Nanoporous gold particles measuring approximately 600 nanometers in diameter were individually detected, enabling noninvasive super-resolution imaging with the nanoLOT system. The results indicated that the generation of microscopic plasmonic vapor bubbles around these particles significantly enhanced the efficiency of opto-acoustic energy conversion. This specific mechanism allowed for a tenfold reduction in particle size compared to the 5-micrometer microparticles used in previous localization optoacoustic tomography studies. In vivo observations demonstrated that the submicron particles could traverse the murine brain's microvascular network without causing embolisms or significant aggregation. The imaging data provided high-contrast, super-resolution visualizations of microcirculatory structures that were previously difficult to resolve at depth. Comprehensive safety assessments confirmed the biocompatibility of the gold nanoparticles, showing no significant adverse effects in the tested models. These findings validate the use of submicron porous structures as highly effective contrast agents for deep-tissue microangiography.

Conclusions:

The introduction of nanoLOT represents a significant advancement in the field of super-resolution imaging by providing a safer and more precise method for microvascular visualization. By utilizing 600-nanometer gold particles, this technique reduces the physiological risks associated with larger contrast agents while maintaining exceptional signal clarity. The study's findings suggest that these nanoporous structures could eventually be used to visualize how nanoparticles reach both vascular and potentially extravascular targets. This capability is particularly relevant for investigating neurovascular coupling mechanisms and the longitudinal microcirculatory changes that characterize neurodegenerative diseases. The researchers conclude that the nano-to-micro size transformation via plasmonic vapor bubbles is a viable strategy for enhancing optoacoustic signals in deep tissues. Future research may expand these applications to other organ systems or use the technology to monitor the delivery of therapeutic agents. The successful implementation of submicron particles ensures that nanoLOT can be safely applied in diverse biological contexts without the limitations of previous microparticle-based methods.
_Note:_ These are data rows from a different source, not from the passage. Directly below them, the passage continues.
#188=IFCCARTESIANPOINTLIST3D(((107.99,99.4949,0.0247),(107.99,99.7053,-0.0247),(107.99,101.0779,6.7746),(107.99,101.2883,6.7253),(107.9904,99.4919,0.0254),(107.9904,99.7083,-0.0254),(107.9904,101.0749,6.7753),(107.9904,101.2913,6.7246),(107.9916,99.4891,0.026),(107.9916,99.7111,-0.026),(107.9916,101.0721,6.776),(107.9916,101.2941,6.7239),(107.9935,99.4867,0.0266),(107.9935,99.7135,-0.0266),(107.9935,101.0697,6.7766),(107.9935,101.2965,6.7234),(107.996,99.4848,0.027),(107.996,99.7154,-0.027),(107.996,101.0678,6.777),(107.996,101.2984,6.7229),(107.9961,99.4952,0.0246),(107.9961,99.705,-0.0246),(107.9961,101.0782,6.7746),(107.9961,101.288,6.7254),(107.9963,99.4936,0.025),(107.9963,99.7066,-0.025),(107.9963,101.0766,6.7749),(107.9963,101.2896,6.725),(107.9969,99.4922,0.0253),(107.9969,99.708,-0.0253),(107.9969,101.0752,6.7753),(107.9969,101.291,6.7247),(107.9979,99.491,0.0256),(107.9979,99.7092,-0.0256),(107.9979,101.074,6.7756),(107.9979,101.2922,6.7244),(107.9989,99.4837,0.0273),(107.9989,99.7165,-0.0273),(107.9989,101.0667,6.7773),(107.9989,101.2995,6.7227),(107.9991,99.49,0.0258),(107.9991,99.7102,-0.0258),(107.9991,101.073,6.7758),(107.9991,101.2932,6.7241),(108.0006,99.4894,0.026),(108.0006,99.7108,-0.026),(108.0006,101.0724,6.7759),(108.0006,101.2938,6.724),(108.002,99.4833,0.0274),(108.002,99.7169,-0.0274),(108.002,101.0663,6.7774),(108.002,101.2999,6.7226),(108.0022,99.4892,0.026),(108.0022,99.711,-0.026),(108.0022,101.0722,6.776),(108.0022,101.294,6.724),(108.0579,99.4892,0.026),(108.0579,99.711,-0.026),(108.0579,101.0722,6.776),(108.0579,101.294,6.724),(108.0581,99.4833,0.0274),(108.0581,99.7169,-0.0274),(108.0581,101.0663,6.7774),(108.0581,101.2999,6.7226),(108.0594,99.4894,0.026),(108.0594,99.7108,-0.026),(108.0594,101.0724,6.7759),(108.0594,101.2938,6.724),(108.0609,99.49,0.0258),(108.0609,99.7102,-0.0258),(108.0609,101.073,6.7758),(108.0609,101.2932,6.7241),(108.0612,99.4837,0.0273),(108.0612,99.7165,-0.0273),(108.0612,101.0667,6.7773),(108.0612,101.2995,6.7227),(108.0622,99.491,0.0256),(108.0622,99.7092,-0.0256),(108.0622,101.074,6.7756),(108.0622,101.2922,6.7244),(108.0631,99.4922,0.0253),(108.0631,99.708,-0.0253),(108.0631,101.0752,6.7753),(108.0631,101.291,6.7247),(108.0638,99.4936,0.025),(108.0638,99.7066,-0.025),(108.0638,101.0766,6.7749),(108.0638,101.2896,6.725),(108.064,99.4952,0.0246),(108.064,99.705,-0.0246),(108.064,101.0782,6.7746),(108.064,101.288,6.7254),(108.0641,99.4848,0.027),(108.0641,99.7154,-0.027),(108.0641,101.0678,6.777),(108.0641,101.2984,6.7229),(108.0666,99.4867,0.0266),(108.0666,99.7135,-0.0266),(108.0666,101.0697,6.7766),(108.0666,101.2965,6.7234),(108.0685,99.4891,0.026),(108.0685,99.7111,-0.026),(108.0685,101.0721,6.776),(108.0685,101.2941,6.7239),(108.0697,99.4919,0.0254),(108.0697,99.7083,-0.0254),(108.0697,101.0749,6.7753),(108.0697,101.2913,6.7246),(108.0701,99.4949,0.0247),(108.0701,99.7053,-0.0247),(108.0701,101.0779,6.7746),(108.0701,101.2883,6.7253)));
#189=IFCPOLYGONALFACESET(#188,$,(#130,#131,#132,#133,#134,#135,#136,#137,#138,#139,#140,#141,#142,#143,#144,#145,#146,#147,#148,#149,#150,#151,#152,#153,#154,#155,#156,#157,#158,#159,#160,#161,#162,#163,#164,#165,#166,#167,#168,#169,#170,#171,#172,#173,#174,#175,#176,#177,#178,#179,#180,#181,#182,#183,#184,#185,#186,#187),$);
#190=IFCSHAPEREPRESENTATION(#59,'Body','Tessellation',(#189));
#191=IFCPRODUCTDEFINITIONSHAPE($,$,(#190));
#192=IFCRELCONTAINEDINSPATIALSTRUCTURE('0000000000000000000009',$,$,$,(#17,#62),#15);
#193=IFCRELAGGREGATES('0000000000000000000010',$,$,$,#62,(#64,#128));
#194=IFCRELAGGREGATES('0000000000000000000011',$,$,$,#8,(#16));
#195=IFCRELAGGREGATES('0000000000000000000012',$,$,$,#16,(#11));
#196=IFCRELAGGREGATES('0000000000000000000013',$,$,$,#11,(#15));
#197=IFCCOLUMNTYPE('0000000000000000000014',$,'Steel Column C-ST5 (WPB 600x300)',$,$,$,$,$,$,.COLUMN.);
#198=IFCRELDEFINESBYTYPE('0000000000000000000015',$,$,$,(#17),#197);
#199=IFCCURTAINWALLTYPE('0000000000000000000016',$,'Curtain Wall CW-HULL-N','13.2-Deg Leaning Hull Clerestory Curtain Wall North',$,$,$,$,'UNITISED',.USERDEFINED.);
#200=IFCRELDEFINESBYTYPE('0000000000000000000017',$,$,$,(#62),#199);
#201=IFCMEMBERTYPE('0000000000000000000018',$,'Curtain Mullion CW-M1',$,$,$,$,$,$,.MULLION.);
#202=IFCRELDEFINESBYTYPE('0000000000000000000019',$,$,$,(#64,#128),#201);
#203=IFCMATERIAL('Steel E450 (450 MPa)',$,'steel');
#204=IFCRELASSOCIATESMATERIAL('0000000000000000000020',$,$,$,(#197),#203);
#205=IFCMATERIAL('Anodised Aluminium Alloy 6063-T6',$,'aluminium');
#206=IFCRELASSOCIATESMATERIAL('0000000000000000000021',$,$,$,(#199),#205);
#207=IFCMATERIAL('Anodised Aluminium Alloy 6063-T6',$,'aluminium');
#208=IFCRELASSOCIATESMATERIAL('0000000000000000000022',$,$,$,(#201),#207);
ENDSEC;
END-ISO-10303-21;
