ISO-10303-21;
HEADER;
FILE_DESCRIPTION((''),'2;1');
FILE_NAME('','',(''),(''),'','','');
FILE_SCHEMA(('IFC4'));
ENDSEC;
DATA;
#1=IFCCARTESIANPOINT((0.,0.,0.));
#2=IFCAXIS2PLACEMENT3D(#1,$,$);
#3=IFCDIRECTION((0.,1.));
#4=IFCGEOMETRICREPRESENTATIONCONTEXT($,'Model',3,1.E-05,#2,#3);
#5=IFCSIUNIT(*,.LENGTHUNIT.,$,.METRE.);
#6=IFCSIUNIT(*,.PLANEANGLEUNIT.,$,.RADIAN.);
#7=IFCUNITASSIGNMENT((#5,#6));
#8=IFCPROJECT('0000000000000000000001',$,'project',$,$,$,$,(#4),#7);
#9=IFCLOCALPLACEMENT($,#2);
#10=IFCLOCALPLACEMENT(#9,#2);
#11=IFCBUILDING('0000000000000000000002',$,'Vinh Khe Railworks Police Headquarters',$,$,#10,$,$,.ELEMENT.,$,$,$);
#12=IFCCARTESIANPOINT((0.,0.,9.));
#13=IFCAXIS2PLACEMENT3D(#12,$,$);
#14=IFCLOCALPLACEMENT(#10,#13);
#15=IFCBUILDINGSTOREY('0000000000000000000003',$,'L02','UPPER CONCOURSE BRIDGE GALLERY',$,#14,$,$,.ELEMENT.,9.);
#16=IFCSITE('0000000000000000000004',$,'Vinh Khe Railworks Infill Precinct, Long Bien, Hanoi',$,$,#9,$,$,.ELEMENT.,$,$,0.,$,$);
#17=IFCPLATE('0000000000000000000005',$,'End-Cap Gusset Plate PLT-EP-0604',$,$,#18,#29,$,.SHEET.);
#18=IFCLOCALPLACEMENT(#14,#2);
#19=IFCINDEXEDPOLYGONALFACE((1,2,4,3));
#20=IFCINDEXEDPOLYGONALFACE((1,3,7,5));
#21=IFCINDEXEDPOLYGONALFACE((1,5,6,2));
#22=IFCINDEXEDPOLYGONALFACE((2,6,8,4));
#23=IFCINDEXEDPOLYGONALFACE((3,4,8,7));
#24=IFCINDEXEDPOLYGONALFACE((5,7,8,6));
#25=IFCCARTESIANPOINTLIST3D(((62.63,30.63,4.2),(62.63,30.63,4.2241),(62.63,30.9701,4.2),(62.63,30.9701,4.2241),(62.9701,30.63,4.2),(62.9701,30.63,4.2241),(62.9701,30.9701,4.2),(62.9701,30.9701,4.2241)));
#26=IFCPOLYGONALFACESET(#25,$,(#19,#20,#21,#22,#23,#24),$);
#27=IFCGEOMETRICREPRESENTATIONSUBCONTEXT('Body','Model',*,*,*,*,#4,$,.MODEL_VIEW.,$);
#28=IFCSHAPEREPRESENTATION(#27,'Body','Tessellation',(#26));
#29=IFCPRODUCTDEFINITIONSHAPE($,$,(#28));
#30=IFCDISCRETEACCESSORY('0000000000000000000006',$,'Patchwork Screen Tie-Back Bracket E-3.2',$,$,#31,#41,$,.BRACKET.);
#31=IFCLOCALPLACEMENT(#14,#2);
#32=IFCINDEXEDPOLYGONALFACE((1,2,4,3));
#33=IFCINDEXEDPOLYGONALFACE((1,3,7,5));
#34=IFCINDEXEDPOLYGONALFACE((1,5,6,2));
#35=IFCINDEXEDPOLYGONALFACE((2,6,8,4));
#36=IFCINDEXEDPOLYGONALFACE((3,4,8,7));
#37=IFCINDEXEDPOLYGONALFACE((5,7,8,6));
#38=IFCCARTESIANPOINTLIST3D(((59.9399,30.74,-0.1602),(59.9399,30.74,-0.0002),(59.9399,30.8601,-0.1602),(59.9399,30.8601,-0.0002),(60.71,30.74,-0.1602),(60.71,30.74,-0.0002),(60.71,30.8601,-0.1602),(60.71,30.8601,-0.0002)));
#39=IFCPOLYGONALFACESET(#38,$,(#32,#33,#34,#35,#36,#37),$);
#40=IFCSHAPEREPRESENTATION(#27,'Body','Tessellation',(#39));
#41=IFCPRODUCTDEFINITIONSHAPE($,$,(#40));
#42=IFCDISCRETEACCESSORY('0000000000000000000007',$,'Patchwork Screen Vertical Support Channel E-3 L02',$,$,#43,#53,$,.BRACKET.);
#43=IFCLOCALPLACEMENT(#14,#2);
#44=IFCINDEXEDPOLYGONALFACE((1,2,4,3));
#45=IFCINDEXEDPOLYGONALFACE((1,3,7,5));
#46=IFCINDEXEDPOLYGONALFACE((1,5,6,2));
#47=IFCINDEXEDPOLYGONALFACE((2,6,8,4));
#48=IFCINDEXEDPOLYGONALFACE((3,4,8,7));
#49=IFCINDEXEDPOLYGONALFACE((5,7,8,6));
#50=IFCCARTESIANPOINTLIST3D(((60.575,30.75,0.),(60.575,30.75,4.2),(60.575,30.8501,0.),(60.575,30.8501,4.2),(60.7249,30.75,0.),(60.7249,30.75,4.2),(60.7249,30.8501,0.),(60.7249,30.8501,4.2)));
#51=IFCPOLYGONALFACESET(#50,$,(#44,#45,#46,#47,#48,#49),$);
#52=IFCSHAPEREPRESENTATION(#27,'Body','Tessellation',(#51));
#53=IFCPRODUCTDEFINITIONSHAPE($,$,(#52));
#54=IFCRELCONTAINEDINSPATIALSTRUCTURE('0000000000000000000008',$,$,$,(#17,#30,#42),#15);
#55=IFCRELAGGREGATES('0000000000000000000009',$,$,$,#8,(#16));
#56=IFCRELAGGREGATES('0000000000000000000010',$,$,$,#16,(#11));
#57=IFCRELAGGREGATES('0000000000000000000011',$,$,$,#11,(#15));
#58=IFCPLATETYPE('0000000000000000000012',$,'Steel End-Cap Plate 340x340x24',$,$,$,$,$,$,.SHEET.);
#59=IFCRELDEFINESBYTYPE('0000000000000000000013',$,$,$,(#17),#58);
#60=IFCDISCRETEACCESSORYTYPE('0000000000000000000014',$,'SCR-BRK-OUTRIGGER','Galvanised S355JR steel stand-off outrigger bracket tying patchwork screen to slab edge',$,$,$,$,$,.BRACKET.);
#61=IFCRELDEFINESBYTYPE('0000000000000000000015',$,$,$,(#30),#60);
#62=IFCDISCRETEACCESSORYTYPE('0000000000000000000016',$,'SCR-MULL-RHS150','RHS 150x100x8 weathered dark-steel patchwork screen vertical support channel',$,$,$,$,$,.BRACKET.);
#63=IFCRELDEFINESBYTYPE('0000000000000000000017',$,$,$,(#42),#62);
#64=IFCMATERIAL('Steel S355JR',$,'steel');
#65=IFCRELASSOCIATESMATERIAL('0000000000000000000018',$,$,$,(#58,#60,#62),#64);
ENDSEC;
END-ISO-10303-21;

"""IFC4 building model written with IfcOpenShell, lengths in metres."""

from ifc_helpers import new_model, si_unit, direction, frame, origin, origin_2d, place, context, subcontext, project, spatial, rectangle, extrude, material, material_profile, profile_set, type_object, element, save


model = new_model("IFC4")

# Units and contexts
model_context = context("Model", 3, precision=1e-05, world=origin(), true_north=direction((0.0, 1.0)))
body_context = subcontext(model_context, "Body", "Model", "MODEL_VIEW")
ifc_project = project(units=[si_unit("LENGTHUNIT", "METRE"), si_unit("PLANEANGLEUNIT", "RADIAN")], contexts=[model_context])

# Site, building, storey
site_placement = place(None, origin())
site = spatial("IfcSite", under=ifc_project, at=site_placement, Name="Vinh Khe Railworks Infill Precinct, Long Bien, Hanoi", CompositionType="ELEMENT", RefElevation=0.0)
building_placement = place(site_placement, origin())
building = spatial("IfcBuilding", under=site, at=building_placement, Name="Vinh Khe Railworks Police Headquarters", CompositionType="ELEMENT")
storey_placement = place(building_placement, frame((0.0, 0.0, 9.0)))
storey = spatial("IfcBuildingStorey", under=building, at=storey_placement, Name="L02", Description="UPPER CONCOURSE BRIDGE GALLERY", CompositionType="ELEMENT", Elevation=9.0)

# Shared definitions
ifc_material_1 = material(Name="Steel S355JR", Category="steel")

# Plate
ifc_material_profile_1 = material_profile(ifc_material_1, rectangle(XDim=0.3401, YDim=0.3401, at=origin_2d()), Name="PL 340x340")
ifc_profile_set_1 = profile_set([ifc_material_profile_1], Name="Steel S355JR")
plate_type_1 = type_object("IfcPlateType", Name="Steel End-Cap Plate 340x340x24", PredefinedType="SHEET", material=ifc_profile_set_1)
plate_1_placement = place(storey_placement, frame((62.8, 30.8, 4.2), z_axis=(0.0, 0.0, 1.0), x_axis=(1.0, 0.0, 0.0)))
element("IfcPlate", 1, at=plate_1_placement, inside=storey, type_object=plate_type_1, Name="End-Cap Gusset Plate PLT-EP-0604", PredefinedType="SHEET", context=body_context, shape_type="SweptSolid", body=[
    extrude(rectangle(XDim=0.3401, YDim=0.3401, at=origin_2d()), origin(), (0.0, 0.0, 1.0), 0.0242),
])

# Discrete accessories
discrete_accessory_type_1 = type_object("IfcDiscreteAccessoryType", Name="SCR-BRK-OUTRIGGER", Description="Galvanised S355JR steel stand-off outrigger bracket tying patchwork screen to slab edge", PredefinedType="BRACKET", material=ifc_material_1)
discrete_accessory_1_placement = place(storey_placement, frame((60.325, 30.8, -0.1602), z_axis=(0.0, 0.0, 1.0), x_axis=(1.0, 0.0, 0.0)))
element("IfcDiscreteAccessory", 2, at=discrete_accessory_1_placement, inside=storey, type_object=discrete_accessory_type_1, Name="Patchwork Screen Tie-Back Bracket E-3.2", PredefinedType="BRACKET", context=body_context, shape_type="SweptSolid", body=[
    extrude(rectangle(XDim=0.77, YDim=0.1201, at=origin_2d()), origin(), (0.0, 0.0, 1.0), 0.1599),
])
discrete_accessory_type_2 = type_object("IfcDiscreteAccessoryType", Name="SCR-MULL-RHS150", Description="RHS 150x100x8 weathered dark-steel patchwork screen vertical support channel", PredefinedType="BRACKET", material=ifc_material_1)
discrete_accessory_2_placement = place(storey_placement, frame((60.6499, 30.8, 0.0), z_axis=(0.0, 0.0, 1.0), x_axis=(1.0, 0.0, 0.0)))
element("IfcDiscreteAccessory", 3, at=discrete_accessory_2_placement, inside=storey, type_object=discrete_accessory_type_2, Name="Patchwork Screen Vertical Support Channel E-3 L02", PredefinedType="BRACKET", context=body_context, shape_type="SweptSolid", body=[
    extrude(rectangle(XDim=0.1499, YDim=0.1001, at=origin_2d()), origin(), (0.0, 0.0, 1.0), 4.2),
])

save(model, "model.ifc")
Based on this study's findings, the use of submicron particles significantly reduces the risk of embolisms caused by particle aggregation within the microvasculature. The 600 nm diameter allows the agents to navigate microvascular networks, such as those in the murine brain, without obstructing blood flow.

The authors state that nanoLOT anticipates new insights into neurovascular coupling mechanisms and longitudinal microcirculatory changes associated with neurodegenerative diseases. The researchers propose that this technology opens new avenues to visualize how nanoparticles reach both vascular and potentially extravascular targets in deep tissues.